Scott Riccio, executive director of Accelerate Progress, a public charity created to increase the speed and efficiency of the systems that most directly affect patients fighting cancer and other life-threatening diseases, believes that the authors have raised important issues and proposed reasonable solutions.

“It is well worth further discussion,” he commented to Medscape Oncology. “I think that the current system should be revamped to speed access to the most promising new therapies by recognizing that our learning about these therapies is not a ‘binary’ event, as it’s essentially now treated.
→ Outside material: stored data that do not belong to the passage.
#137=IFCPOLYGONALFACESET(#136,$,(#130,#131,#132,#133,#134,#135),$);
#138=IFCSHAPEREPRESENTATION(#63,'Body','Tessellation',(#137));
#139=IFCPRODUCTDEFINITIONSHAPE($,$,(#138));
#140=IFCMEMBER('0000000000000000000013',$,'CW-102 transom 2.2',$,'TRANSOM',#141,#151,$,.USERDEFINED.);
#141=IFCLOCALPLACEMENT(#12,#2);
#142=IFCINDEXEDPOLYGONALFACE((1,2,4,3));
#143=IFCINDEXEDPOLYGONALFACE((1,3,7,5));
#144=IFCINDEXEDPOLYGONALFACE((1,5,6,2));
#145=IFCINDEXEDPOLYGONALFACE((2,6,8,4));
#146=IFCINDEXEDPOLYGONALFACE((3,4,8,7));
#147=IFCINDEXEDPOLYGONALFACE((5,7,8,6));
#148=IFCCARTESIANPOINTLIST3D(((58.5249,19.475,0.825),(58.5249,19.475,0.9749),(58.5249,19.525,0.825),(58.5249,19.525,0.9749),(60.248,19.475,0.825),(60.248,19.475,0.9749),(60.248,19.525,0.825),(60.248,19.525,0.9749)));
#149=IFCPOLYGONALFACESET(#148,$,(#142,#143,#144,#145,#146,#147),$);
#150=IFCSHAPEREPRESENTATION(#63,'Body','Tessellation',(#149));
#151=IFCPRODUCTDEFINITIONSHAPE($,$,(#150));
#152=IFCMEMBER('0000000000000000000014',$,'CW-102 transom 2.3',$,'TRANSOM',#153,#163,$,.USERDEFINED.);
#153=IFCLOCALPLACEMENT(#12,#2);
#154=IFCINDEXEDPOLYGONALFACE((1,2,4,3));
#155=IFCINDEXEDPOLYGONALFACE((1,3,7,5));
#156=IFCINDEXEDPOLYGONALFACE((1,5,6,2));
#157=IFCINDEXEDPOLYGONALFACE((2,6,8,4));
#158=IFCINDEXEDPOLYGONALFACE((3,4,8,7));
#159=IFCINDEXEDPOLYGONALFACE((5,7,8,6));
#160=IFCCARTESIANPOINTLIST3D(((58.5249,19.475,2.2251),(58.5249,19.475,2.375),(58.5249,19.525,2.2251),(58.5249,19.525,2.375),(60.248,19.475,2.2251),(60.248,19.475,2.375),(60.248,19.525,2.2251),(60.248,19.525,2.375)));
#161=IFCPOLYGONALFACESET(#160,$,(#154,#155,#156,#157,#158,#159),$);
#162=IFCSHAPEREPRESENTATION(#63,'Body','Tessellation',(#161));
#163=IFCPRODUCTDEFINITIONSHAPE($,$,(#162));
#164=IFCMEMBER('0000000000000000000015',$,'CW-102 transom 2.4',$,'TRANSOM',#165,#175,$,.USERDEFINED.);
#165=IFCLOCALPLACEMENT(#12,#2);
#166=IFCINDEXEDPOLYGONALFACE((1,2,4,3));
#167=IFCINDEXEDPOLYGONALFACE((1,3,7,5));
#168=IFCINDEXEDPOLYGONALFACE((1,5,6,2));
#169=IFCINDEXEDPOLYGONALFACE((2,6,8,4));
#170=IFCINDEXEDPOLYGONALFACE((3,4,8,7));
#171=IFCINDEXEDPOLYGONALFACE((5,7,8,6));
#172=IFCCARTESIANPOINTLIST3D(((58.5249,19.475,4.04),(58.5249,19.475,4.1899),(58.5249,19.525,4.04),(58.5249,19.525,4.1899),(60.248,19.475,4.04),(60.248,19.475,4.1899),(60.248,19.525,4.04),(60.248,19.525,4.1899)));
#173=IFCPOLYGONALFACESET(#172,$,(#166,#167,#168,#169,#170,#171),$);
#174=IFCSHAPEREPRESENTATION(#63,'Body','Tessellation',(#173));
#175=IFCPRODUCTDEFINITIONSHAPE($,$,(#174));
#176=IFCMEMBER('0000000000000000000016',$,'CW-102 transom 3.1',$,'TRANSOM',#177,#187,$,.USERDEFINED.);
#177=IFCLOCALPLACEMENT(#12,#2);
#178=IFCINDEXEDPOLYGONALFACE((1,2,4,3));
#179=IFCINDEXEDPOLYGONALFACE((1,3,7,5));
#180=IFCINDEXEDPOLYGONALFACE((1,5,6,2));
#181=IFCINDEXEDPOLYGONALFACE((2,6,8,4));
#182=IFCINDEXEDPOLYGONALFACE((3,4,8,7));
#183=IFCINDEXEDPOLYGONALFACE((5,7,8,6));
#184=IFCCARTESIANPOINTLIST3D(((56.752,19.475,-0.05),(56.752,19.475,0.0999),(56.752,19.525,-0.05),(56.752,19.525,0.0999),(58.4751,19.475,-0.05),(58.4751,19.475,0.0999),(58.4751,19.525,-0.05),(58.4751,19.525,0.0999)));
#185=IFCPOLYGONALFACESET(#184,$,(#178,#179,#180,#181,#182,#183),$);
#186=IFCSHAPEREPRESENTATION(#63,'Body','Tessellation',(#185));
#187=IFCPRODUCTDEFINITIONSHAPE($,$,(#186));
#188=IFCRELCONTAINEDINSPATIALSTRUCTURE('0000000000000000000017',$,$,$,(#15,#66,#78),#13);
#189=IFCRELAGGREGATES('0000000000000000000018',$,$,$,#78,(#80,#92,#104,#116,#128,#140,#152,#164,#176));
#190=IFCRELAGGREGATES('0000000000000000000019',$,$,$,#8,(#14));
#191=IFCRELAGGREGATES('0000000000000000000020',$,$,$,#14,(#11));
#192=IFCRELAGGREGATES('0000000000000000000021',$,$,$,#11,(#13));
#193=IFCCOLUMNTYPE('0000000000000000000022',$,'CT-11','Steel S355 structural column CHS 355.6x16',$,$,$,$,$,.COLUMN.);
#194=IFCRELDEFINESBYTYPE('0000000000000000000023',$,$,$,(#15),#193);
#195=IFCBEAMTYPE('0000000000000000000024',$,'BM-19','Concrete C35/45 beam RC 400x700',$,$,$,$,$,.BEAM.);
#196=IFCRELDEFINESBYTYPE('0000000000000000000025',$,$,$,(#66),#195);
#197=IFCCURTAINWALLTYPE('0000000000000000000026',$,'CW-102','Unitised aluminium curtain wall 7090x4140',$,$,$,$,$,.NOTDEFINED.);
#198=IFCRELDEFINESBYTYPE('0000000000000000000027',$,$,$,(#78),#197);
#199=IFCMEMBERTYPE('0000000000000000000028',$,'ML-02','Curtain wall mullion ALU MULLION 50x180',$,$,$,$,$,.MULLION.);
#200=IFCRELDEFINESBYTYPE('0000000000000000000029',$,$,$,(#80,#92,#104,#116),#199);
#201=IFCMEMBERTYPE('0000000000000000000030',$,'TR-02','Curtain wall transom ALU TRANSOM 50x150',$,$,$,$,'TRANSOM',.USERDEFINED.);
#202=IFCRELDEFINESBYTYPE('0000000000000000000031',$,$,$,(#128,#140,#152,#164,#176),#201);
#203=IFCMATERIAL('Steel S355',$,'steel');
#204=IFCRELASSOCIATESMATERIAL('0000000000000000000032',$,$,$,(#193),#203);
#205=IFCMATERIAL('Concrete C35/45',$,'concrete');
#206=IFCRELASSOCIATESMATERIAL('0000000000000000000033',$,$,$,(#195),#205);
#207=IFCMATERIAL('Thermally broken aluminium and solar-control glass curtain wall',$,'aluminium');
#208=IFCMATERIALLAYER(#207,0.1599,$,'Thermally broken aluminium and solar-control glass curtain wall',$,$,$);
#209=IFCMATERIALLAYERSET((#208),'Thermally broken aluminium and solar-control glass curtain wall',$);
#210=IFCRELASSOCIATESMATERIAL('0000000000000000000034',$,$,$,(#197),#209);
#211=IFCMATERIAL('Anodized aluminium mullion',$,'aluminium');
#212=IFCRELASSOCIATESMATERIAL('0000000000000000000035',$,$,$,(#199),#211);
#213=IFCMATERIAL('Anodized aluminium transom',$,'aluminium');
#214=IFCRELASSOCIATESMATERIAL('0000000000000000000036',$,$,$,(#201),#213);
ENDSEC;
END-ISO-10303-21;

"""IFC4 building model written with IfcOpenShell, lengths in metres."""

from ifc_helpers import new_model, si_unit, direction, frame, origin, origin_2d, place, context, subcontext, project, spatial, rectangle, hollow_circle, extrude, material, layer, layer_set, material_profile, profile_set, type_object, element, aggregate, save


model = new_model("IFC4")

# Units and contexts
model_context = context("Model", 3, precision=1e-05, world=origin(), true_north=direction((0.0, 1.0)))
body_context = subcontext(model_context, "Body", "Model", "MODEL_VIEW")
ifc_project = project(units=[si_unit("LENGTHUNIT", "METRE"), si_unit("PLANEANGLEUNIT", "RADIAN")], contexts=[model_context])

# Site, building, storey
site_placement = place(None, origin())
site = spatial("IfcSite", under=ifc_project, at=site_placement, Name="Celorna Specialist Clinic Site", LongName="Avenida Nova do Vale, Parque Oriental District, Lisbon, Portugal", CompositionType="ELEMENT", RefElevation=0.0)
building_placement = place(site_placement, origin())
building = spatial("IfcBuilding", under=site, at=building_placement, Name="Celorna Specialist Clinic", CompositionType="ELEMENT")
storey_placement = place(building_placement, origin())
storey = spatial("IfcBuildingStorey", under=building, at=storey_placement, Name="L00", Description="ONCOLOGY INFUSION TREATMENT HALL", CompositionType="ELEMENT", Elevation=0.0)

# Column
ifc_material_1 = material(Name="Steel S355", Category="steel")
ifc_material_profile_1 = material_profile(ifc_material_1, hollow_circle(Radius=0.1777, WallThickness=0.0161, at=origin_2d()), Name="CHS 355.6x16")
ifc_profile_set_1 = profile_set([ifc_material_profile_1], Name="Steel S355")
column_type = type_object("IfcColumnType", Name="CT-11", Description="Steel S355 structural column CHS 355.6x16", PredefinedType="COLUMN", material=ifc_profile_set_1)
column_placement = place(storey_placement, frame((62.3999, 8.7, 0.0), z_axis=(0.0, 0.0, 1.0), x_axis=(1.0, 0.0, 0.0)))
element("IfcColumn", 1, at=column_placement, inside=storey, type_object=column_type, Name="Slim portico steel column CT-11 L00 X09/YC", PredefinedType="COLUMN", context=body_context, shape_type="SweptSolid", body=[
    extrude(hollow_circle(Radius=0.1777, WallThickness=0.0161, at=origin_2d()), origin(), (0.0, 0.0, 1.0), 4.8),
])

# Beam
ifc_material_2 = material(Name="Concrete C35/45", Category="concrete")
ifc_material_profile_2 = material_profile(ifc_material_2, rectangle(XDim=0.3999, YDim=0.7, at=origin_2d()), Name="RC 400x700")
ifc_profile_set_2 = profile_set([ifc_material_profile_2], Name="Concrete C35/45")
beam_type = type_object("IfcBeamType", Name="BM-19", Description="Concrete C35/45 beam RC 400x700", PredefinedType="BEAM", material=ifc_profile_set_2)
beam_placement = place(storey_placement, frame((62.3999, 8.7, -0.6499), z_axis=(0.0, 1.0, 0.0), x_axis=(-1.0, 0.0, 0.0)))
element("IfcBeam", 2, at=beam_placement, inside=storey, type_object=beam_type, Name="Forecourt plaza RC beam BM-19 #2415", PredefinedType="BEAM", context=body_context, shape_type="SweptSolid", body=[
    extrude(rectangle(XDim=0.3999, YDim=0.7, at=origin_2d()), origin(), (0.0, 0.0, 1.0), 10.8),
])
In other words, right now the system essentially says the drug is unsafe and ineffective right up until the point at which it’s approved, when we ‘suddenly’ know it to be safe and effective.”

In reality, information is continuously accumulated over time, he added. “When the benefit-to-risk profile of the therapy can be said to have a reasonable likelihood of outweighing the risk to the patient from their disease, the system ought to begin to expand access to the therapy to those patients that fit the analysis, and begin to expand or restrict access as further data emerge.”
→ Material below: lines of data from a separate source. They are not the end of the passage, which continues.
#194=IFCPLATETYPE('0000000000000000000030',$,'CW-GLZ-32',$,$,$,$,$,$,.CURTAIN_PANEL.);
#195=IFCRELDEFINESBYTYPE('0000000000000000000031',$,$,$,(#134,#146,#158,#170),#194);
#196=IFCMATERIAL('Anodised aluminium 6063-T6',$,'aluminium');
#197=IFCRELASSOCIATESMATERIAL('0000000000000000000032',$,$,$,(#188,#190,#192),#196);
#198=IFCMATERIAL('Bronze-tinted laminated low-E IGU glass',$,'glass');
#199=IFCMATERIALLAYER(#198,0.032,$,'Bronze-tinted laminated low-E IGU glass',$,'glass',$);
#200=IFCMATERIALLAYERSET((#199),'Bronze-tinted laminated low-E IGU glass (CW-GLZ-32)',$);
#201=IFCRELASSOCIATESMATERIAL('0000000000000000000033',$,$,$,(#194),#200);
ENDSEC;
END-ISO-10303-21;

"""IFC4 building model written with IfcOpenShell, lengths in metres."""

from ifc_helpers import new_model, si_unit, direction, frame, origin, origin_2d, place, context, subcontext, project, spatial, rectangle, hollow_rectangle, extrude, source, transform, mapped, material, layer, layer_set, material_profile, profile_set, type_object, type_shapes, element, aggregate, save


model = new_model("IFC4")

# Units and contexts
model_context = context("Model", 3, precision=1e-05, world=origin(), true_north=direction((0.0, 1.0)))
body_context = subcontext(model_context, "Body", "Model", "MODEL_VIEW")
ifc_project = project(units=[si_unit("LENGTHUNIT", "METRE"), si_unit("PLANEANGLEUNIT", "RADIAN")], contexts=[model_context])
To be clear, when we speak of “expanding access to the therapy to those patients that fit the analysis...” we mean that at this point, the system should be approving these options for use by those patients and their doctors.  We believe that meaningful access would be provided by and should be measured in new therapeutic approvals (be they conditional/provisional, accelerated, or other similarly named constructs).

The full article should be read here (opens in new window).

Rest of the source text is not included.